Candidatos y encuestas

La defenestración de Jaime Raynaud como candidato a la alcaldía de Sevilla por el PP tiene más que ver con lo que indican los sondeos que con el trabajo que ha desempeñado en el ayuntamiento. Sólo superado en las pasadas elecciones por unos dos mil votos por parte del candidato socialista, Alfredo Sánchez-Monteseirín, ha soportado una larga travesía en el desierto. Aquellos que pretenden ver en su trabajo en la oposición la razón principal de su descarte obvian lo principal y es que Javier Arenas, sólo comenzó a acariciar la idea de una alternativa a raíz de los resultados de las encuestas que se inclinaban a favor de Soledad Becerril, la ex alcaldesa que prefirió huir y marcharse a Madrid antes que verse obligada a gobernar, otra vez, con los andalucistas. Ahora la marquesa de Salvatierra se lo está pensando, una reflexión a la que deberá unir una variable más: el hecho de tener que asumir la responsabilidad de encabezar, de nuevo, la lista pero con un cadáver político en el armario como es el caso de Raynaud. Dice que renuncia para no ser un obstáculo, pero lo cierto es que con el portazo dado el obstáculo sigue. Y lo peor de todo es que Arenas no ha sabido o no ha querido desactivar el problema. Con todo, de esta experiencia cabe obtener alguna que otra conclusión. La más inmediata, hay que dudar de la palabra del presidente de los populares andaluces a quien se le llenaba la boca hablando de Raynaud como un "magnifico candidato". Está claro ya que, a partir de ahora, cuando hable en esos términos habrá que entender lo contrario. Arenas reza para que la aristócrata acepte porque si no es así puede que le toque a él mismo el mochuelo de presentarse a los comicios locales algo que, de llevarse a efecto, provocaría una segura crisis en el PP andaluz.

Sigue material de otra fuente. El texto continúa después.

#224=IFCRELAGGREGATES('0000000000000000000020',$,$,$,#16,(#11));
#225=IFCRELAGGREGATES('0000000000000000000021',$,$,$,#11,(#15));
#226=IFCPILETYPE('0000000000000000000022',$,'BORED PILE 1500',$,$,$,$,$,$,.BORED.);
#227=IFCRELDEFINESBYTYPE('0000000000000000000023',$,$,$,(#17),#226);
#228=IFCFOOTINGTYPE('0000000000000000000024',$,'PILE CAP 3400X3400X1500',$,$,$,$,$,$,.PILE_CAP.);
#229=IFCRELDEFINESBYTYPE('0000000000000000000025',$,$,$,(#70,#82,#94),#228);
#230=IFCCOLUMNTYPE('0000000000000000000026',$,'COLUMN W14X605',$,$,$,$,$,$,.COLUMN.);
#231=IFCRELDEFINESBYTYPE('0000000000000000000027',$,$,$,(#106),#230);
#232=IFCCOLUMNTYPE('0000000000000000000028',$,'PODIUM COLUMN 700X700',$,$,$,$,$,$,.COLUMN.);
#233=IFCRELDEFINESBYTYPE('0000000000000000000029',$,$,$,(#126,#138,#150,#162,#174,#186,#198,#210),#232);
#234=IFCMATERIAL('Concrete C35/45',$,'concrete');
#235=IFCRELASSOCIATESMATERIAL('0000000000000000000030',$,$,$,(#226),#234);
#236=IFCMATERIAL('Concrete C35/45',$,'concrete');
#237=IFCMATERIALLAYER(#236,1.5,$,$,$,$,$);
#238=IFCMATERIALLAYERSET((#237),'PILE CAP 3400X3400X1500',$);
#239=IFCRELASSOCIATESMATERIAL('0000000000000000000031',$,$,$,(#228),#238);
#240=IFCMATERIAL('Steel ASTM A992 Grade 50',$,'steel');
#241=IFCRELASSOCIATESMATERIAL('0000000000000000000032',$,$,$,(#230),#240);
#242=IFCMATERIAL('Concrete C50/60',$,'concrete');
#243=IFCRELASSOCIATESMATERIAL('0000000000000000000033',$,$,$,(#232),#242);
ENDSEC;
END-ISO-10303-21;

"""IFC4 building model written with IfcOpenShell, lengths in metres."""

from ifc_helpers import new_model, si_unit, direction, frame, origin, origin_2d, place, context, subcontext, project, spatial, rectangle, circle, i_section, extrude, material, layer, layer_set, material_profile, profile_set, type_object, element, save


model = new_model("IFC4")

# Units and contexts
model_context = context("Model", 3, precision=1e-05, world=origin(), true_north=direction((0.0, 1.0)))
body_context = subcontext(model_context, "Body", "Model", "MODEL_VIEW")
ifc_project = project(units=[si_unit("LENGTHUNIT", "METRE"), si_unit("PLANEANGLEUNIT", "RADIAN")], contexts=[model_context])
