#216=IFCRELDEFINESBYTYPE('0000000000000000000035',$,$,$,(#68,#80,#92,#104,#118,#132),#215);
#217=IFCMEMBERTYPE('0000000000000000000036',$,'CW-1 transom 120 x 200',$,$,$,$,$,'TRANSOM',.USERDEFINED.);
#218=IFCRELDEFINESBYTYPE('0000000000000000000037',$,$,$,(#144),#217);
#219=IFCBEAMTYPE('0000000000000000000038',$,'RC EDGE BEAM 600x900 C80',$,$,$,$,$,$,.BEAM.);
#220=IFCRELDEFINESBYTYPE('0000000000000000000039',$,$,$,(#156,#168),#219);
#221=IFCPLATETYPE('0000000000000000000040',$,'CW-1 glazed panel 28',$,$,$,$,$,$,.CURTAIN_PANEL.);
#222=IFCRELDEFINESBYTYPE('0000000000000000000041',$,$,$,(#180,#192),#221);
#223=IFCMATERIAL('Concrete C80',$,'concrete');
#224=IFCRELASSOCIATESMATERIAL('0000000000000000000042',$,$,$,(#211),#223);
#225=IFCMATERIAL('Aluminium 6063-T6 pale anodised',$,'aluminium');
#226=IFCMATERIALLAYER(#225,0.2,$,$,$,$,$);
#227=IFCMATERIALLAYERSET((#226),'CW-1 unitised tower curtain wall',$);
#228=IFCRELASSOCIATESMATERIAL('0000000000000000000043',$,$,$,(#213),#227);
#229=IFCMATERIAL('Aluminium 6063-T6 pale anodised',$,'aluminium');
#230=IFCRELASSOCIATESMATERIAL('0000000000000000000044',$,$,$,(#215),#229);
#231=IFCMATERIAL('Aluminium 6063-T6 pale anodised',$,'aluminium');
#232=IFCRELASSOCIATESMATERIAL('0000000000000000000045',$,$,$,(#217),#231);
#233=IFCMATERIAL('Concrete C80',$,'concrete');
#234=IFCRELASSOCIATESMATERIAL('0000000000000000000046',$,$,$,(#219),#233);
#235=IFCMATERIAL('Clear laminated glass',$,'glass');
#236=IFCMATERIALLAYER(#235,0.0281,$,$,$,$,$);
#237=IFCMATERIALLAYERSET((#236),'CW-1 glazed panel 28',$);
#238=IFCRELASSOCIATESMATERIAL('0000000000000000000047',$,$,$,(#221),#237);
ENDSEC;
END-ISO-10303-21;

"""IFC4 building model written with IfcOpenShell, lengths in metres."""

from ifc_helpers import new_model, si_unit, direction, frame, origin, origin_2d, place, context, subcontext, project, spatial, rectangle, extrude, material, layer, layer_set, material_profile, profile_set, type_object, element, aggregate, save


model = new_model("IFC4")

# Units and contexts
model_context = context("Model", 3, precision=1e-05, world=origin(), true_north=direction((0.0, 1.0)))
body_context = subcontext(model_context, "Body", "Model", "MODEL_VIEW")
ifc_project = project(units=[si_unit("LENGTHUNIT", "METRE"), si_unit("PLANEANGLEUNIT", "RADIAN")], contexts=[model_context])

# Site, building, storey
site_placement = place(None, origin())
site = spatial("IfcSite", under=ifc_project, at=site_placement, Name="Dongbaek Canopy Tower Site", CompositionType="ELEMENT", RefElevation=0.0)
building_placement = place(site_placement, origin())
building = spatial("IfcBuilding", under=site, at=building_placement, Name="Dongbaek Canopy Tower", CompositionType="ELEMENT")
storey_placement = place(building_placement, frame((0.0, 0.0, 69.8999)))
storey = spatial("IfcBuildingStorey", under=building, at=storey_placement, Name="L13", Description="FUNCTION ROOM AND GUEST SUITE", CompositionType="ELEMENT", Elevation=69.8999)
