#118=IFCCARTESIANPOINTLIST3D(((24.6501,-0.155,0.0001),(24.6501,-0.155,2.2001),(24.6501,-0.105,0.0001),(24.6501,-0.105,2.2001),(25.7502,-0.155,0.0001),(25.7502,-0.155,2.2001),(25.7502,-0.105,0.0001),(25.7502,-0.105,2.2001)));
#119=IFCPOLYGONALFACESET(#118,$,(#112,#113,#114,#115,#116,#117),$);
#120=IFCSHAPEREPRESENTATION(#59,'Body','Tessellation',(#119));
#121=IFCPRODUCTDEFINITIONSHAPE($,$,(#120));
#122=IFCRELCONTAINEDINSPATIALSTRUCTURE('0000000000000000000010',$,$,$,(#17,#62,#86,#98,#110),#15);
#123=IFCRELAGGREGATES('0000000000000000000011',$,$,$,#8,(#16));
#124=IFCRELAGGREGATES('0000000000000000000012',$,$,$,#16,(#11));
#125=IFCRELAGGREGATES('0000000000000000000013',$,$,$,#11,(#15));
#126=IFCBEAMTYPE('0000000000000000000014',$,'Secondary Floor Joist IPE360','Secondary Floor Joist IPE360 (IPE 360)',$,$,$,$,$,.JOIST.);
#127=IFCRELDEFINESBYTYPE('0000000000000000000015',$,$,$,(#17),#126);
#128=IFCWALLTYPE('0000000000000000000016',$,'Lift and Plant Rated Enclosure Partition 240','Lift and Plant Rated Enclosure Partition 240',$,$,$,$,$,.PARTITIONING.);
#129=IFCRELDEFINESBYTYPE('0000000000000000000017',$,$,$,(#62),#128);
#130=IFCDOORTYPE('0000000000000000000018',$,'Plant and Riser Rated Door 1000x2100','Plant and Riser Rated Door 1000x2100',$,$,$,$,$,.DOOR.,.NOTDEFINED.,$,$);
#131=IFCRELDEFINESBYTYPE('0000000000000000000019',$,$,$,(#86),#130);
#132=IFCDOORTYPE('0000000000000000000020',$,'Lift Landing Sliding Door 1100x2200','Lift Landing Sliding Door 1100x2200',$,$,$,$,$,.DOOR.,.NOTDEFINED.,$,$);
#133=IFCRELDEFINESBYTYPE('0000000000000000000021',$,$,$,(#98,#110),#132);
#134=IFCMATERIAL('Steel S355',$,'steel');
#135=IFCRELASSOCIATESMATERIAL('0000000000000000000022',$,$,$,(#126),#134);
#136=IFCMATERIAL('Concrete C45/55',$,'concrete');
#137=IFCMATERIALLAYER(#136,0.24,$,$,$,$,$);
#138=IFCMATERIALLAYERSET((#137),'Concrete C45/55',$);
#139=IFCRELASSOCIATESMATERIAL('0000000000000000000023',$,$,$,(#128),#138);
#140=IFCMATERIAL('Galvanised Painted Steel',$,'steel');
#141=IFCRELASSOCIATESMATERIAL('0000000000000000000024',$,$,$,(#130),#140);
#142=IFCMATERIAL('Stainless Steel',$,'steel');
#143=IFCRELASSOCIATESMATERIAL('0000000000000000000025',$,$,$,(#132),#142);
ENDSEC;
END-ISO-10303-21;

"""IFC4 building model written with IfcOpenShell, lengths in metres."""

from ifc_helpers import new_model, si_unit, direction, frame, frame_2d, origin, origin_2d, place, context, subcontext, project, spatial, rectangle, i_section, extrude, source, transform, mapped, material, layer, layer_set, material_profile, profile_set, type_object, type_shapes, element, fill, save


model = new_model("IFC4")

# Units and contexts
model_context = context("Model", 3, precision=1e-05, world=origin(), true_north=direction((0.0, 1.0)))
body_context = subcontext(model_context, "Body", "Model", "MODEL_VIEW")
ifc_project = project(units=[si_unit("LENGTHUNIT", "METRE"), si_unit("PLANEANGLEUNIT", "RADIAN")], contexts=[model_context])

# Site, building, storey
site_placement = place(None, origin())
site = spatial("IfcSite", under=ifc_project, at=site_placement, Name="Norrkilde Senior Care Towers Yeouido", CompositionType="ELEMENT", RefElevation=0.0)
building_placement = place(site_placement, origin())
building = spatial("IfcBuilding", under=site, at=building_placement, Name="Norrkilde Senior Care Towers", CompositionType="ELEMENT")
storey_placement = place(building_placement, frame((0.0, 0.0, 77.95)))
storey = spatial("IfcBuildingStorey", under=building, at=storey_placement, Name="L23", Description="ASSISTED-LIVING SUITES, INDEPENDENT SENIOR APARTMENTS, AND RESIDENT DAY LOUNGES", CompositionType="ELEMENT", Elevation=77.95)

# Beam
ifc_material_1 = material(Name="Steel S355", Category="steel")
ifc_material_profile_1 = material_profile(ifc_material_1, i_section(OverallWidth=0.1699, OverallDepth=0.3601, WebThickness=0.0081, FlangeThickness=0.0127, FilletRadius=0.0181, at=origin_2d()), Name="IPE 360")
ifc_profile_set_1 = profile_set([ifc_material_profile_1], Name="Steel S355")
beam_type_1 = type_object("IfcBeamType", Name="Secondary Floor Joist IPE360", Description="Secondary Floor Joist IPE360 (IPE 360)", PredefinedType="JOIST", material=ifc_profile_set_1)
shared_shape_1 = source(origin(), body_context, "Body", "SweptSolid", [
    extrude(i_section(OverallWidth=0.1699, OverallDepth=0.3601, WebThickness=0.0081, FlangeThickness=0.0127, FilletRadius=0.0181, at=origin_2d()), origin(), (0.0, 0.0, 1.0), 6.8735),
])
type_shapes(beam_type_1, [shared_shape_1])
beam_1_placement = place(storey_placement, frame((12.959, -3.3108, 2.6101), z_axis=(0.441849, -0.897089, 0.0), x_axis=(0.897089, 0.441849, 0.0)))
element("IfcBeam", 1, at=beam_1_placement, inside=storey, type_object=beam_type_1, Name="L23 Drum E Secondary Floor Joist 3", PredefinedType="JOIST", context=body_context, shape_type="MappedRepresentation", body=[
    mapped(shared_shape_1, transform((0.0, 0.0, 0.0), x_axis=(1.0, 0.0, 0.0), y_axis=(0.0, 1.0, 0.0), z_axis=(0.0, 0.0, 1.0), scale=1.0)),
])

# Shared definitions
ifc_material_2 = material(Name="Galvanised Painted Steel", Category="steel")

Pero, también, cabe considerar lo sucedido como una escenificación clara de lo que no se debe hacer, esto es, la utilización burda y sin escrúpulos de las personas, sin que éstas tengan derecho a su propia dignidad. Raynaud se va harto de que le ninguneen. Nunca se atrevieron a decirle, abiertamente, que no contaban con él. Le daban palmaditas en la espalda y todo eran elogios. Y en esas estamos. Esta semana, sea quien sea el elegido, se verá marcado por esta circunstancia. Deben aprender, igualmente, los socialistas. Lo ocurrido ha tenido la virtud de tapar la incertidumbre en la que se ven inmersos. El alcalde observó con sorpresa y malestar como toda un Ejecutiva federal desmentía que le respaldase como candidato.Tendrá que esperar hasta septiembre, y eso es mucho para las prisas que tiene. La dilación en el tiempo de esta decisión se puede entender como el respeto que se ha tener a los calendarios que se marca el propio partido, pero casa muy poco con la ventaja que supondría tener ya ésta incógnita resuelta. ¿Cometerá el PSOE el mismo error que el PP? De momento, están empeñados en calibrar las consecuencias de un posible cambio, pero, a estas alturas de la película, ese movimiento se presenta difícil de asumir, máxime si no hay alternativas creíbles.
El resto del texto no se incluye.